孤山老鬼冷笑一聲,言語中的傲氣不減當年,他道:“只是釣他上鉤而已,你很得意?司瑾邪為人圓滑多端,即使他入了這個圈,也遲早會想辦法跳出去的,所以你的解藥,等老夫真正解決他之後,定會如約給你。”
他夢三生這輩子還真沒幾個人能這樣威脅他,若不是自己屍毒無法剋制,以他的本事又何須求助於孤山老鬼?說來也是可笑,他堂堂趕屍聖人,一生都在和屍體打交道,能破解各種各樣的屍毒,到頭來,卻對自己身上的屍毒無可奈何。
他不是練蠱體,所以他的身體無法承受那樣的強大的屍毒。
就像他的族人跟他說的,他就不是個練毒的好苗子,可是他最後不成了家族中最出色的趕屍人?
他對著孤山老鬼,依舊笑道:“那就等司瑾邪死在先生手上後,我再來討要解藥,希望到時候,先生已經練出瞭解我屍毒的解藥。”
孤山老鬼道:“小子,你莫不是以為老夫在騙你?我孤山老鬼修煉毒功一輩子,難道還解不了你身上區區屍毒?”
“不敢!”
“你且放心,等那司瑾邪死了,老夫定會將解藥交到你的手上。”他鄙了一眼對方,道。
夢三生再次拱手,像一個禮儀備至的公子,他道:“我相信先生,那接下來該做什麼?”
孤山老鬼眼中殺氣猛然炸裂,他憤恨道:“帶他去找歐陽聖!”
夢三生道:“可他不見人,若是他不想現身,誰去也沒用,他不出現,又怎麼可能會對付司瑾邪呢?”
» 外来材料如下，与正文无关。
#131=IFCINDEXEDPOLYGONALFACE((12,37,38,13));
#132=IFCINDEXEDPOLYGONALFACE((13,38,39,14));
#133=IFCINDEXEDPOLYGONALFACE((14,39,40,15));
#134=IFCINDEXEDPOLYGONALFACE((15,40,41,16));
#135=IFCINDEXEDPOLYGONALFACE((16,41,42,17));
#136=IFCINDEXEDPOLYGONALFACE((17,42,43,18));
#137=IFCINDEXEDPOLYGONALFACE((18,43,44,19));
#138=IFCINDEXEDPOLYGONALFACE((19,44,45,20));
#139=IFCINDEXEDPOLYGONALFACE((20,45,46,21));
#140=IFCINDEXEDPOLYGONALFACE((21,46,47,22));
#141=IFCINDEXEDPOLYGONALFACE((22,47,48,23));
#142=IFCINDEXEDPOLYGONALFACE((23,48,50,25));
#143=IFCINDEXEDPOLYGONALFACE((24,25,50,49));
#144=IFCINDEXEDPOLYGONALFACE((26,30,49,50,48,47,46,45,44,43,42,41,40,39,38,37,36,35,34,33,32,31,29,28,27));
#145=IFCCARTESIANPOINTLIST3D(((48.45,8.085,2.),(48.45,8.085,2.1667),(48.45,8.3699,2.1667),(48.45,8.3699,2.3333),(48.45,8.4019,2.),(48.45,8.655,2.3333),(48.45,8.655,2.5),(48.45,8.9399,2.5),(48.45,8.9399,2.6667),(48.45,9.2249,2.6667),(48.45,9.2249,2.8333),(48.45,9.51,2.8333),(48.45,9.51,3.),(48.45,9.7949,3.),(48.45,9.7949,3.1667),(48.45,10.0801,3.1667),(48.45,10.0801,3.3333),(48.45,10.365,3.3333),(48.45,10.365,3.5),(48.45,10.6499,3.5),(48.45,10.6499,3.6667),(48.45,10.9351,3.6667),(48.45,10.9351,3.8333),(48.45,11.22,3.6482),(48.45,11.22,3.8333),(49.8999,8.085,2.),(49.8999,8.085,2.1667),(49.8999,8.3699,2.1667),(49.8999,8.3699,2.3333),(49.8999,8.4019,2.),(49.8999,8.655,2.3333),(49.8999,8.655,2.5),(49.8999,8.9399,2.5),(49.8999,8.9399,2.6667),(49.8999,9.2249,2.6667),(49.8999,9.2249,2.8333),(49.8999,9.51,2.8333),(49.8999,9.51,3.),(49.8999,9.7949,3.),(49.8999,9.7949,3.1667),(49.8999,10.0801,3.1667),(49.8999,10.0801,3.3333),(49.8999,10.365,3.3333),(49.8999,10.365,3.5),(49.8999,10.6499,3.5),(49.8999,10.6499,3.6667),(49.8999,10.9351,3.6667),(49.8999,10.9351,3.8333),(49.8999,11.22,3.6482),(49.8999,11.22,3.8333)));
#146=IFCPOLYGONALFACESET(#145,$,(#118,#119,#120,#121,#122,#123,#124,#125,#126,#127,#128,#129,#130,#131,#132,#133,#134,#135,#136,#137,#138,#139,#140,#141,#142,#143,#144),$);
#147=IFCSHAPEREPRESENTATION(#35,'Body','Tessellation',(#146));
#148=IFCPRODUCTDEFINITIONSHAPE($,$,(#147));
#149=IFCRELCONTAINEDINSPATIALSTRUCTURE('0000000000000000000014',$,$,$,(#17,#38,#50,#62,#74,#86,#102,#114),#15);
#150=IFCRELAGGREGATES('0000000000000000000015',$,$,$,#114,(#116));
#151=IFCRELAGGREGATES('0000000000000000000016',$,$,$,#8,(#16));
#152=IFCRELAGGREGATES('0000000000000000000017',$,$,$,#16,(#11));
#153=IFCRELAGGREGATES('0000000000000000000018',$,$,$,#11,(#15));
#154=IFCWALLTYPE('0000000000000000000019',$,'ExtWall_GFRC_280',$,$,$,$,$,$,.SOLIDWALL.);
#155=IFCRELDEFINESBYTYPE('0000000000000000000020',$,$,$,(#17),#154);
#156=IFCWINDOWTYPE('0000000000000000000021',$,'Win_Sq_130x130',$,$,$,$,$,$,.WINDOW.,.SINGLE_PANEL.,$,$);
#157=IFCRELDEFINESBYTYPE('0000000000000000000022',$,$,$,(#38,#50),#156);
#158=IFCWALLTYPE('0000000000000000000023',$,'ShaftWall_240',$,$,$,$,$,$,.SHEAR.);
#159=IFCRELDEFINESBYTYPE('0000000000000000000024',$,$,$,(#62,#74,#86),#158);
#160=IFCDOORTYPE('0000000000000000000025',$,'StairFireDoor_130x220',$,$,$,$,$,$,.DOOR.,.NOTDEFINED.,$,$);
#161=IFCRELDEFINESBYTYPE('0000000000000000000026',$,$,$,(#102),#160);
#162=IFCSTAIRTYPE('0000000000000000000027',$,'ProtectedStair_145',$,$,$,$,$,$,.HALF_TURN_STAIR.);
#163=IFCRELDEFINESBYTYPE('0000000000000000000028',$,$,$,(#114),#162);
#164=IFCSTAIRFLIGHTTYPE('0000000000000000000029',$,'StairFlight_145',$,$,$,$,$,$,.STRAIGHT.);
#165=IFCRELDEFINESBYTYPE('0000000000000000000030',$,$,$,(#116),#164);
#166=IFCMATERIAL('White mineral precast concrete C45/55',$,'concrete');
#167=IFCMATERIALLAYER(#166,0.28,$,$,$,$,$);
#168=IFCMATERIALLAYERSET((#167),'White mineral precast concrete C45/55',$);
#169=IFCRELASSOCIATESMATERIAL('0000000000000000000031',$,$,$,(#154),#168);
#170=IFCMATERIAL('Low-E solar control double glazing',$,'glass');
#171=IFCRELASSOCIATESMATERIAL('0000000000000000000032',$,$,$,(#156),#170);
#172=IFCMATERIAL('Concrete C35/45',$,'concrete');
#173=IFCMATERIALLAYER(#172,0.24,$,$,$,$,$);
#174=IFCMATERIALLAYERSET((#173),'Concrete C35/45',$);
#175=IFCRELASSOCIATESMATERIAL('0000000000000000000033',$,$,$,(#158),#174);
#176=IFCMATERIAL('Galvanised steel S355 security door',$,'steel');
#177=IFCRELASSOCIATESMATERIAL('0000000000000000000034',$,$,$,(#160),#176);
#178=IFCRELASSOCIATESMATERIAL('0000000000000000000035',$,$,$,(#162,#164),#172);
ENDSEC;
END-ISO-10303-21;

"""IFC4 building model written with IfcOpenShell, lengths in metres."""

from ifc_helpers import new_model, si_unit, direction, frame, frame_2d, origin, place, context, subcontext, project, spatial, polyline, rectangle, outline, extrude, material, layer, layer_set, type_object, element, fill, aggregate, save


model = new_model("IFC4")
孤山老鬼哼了一聲,道:“以司瑾邪的執著,他會想辦法讓他現身的。”
夢三生也是頗為認同的點點頭,他對於司瑾邪這個人不是很瞭解,但他知道,對方非常聰明。在他們第一次見面的時候,僅僅只是隻言片語,他便看穿了自己的心思,對於合作之事,也沒有多少猶豫。做事如此幹練決絕,行為謹慎小心,何況這樣的人,還武功高強,身懷無數絕學,又怎麼會想不出法子叫一個隱士之人現身?
但也是這樣的人,讓敵人感到害怕,這個人太過於執著,對於認定的事便會傾盡所有去完成,哪怕是一件根本不可能的是,他也能耗上一輩子。所以,江湖上,沒有人敢去招惹他,一旦把他惹上了,便如同鬼魅纏身,至死方休,這就是他的可怕之處。
即使很多人對他喊打喊殺,也始終不敢親身上陣。